Tom McRae’s Dark Side
“If you’re a singer-songwriter, you’re the guy at the party who is wearing black and saying how bad the world is while everyone else is trying to have a good time.” Meet Tom McRae, whose self-titled, Mercury Music Prize nominated debut record is garnering him comparisons to legendary party-poopers like Bob Dylan and Paul Simon.
“It’s who I am, really,” McRae admits. “I can’t get away from it. I’ve never been the one to set up the deck chair on the beach first and to be happy sitting in the sun. I prefer to hide in the shadows a little bit.”
Out of these shadows the British tunesmith crafted a striking album of unaffected acoustic arrangements, fierce vocals, trenchant lyricism and a social consciousness that links him to his celebrated predecessors. The only thing absent from his music is the mark of post modernism: genre-bending. There are no hybrids here, no hyphens, no backslashes. Sonically, Tom McRae is an eerily quiet and often disquieting acoustic guitar and vocals album, which is occasionally seasoned with the unexpected piano, cello, Hammond organ and electric guitar. But McRae’s real mark as a twenty-first-century troubadour is his trenchant lyrics.
In “Hidden Camera Show,” he takes shots at reality television: “We’re all caught in a hidden camera show/And it’s the thrill of deception, it’s the chill of rejection/In the face of people we don’t know.” While in “End of the World News (Dose Me Up),” he targets rampant consumerism: “Every culture has it’s own magazine/And information takes the place of you dreams/Finding ways to fill up the silence/But it’s all that you need . . . turn on your TV.”
“I’m not trying to replicate the Sixties or write [Bob Dylan’s] ‘Masters of War’ or anything,” McRae says. “It’s just something that constantly plays on my mind. I don’t want to get to the point where I’m talking as if I have a manifesto, as if I’m running for office, because I’m not. These are just songs.

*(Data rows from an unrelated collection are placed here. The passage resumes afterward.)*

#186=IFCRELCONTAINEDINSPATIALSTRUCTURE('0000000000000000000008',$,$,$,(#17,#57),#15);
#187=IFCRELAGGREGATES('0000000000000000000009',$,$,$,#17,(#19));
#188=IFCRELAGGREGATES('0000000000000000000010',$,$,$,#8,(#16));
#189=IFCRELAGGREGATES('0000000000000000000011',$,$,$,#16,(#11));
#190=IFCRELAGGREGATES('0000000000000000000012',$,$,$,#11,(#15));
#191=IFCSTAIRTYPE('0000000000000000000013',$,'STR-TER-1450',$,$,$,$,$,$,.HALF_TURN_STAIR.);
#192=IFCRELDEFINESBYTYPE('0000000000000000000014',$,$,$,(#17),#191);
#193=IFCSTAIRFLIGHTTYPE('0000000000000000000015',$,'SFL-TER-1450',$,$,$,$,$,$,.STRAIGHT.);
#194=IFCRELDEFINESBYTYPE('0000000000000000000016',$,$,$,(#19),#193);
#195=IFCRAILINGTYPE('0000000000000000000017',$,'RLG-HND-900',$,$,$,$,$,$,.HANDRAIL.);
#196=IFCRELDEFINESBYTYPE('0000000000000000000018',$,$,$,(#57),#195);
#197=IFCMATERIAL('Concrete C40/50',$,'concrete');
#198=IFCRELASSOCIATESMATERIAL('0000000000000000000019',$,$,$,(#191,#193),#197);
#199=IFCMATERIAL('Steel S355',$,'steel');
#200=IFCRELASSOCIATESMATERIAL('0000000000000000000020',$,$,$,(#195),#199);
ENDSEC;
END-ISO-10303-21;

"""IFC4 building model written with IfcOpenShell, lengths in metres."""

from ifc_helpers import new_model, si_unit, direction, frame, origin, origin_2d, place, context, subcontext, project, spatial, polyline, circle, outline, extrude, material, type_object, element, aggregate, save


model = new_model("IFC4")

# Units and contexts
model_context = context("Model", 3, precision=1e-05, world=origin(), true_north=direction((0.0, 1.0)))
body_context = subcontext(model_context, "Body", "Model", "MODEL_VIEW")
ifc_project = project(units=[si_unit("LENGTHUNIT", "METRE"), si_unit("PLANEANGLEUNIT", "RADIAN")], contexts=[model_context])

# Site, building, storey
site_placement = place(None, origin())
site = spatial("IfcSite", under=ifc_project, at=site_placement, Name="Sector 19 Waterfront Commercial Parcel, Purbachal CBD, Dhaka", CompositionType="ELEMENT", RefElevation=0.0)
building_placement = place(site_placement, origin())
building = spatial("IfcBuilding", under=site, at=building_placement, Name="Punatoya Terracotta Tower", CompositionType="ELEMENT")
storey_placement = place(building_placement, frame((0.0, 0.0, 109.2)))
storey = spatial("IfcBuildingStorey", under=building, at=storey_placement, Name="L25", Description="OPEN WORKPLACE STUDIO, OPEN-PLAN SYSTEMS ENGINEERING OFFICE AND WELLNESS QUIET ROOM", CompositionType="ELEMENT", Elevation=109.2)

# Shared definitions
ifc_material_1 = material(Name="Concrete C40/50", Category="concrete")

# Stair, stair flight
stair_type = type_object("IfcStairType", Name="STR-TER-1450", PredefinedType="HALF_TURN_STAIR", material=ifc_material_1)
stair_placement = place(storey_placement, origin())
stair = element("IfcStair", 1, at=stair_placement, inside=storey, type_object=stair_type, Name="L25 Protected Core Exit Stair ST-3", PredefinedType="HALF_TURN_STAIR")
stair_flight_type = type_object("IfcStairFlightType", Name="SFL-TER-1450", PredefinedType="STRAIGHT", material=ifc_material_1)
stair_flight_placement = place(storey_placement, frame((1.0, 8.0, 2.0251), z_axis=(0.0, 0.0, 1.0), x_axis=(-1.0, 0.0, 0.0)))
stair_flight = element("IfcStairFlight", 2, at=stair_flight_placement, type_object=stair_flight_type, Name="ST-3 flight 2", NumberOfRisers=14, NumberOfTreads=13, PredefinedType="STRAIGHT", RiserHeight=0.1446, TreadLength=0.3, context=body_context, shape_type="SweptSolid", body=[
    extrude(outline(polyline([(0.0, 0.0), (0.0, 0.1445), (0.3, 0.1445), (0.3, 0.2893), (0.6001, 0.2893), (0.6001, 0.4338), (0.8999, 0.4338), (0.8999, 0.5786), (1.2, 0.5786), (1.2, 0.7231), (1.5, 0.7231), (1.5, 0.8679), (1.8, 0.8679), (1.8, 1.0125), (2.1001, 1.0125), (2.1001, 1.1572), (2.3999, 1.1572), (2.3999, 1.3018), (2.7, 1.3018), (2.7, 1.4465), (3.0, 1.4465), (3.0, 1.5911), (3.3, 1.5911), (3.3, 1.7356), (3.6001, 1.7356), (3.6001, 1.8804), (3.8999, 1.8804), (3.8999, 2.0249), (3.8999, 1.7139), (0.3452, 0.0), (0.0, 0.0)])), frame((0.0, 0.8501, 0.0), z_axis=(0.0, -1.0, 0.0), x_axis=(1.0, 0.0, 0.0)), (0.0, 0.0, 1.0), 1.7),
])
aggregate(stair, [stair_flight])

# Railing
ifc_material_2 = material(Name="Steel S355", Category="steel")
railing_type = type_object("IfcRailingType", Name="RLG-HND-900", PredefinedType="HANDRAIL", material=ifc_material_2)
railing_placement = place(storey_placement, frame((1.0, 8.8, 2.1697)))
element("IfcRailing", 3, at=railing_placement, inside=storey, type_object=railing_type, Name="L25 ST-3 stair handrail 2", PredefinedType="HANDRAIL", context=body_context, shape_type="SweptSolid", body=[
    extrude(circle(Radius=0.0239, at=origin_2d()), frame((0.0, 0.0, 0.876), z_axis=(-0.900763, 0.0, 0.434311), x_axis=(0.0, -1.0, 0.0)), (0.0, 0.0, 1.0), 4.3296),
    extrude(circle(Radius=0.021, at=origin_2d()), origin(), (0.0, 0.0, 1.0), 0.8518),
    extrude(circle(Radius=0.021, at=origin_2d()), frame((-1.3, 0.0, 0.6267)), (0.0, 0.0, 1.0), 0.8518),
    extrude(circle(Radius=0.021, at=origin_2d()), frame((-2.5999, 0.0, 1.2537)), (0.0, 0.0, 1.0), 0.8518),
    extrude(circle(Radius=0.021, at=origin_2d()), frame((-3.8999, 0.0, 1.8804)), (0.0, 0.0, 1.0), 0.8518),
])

I’m just a songwriter.”
McRae describes growing up in the small farming community of Chelmsford, Suffolk (population, 250) simply as “hell.” “I hated it,” he says with a laugh. McRae’s parents were both vicars of the Church of England. And while his faith faltered and eventually collapsed as he got older, singing in the church became McRae’s introduction to music, followed by tinkering on his mother’s guitar and piano. He began writing songs at fifteen — “my form of escape in the early days” — and listened to what was available from his parents’ record collections: Simon and Garfunkel, Pete Seeger, Burl Ives — before raiding his older sisters’ collections: Kate Bush, U2, Bob Dylan.
McRae left Chelmsford in his late teens. “I needed to get London,” he says. “That was my big sort of ambition as a teenager so my excuse was to go and study there.” And study he did — politics, no less. “I was cynical about it before I went,” he says, explaining his choice of major, “and became even more cynical by it and disgusted by it. But I think it’s always good to know your enemy and to be informed about what’s going on even though you don’t agree.”
McRae began playing in bands during and after college but with little success. With doubts about his chances to make a career in music, McRae “gave up.” The songwriter launched a forty-eight-hour boycott of his desired profession “before I found myself sitting down with a guitar again, and so it was my last shake of the dice.” Over a period of eighteen months McRae penned the thirteen songs that make up his debut. With the songs in hand, it was McRae’s music collection that led to the break he needed. He noticed producer Chris Hughes’ name on the back of some of his records (Elvis Costello, Squeeze, Nicke Lowe) and “offered favors” (“nothing to sordid” he says) to someone to pass along Hughes’ number. It worked, and Hughes is not only the producer of Tom McRae but McRae’s manager.
It’s a happy ending that has let McRae take his “sad acoustic music” to the masses, touring with Dido as well as playing several festivals around Europe this summer including what “seemed to be some kind of death metal festival in Norway. Some of them of have been deeply inappropriate,” McRae says laughing, surprised at his own success among all the angry young men. However, he does admit to sharing their feelings of disappointment and rage, if not their sensibility. “If I’m being honest,” he says, “quite a lot of motivation for what I do comes from frustration and anger.”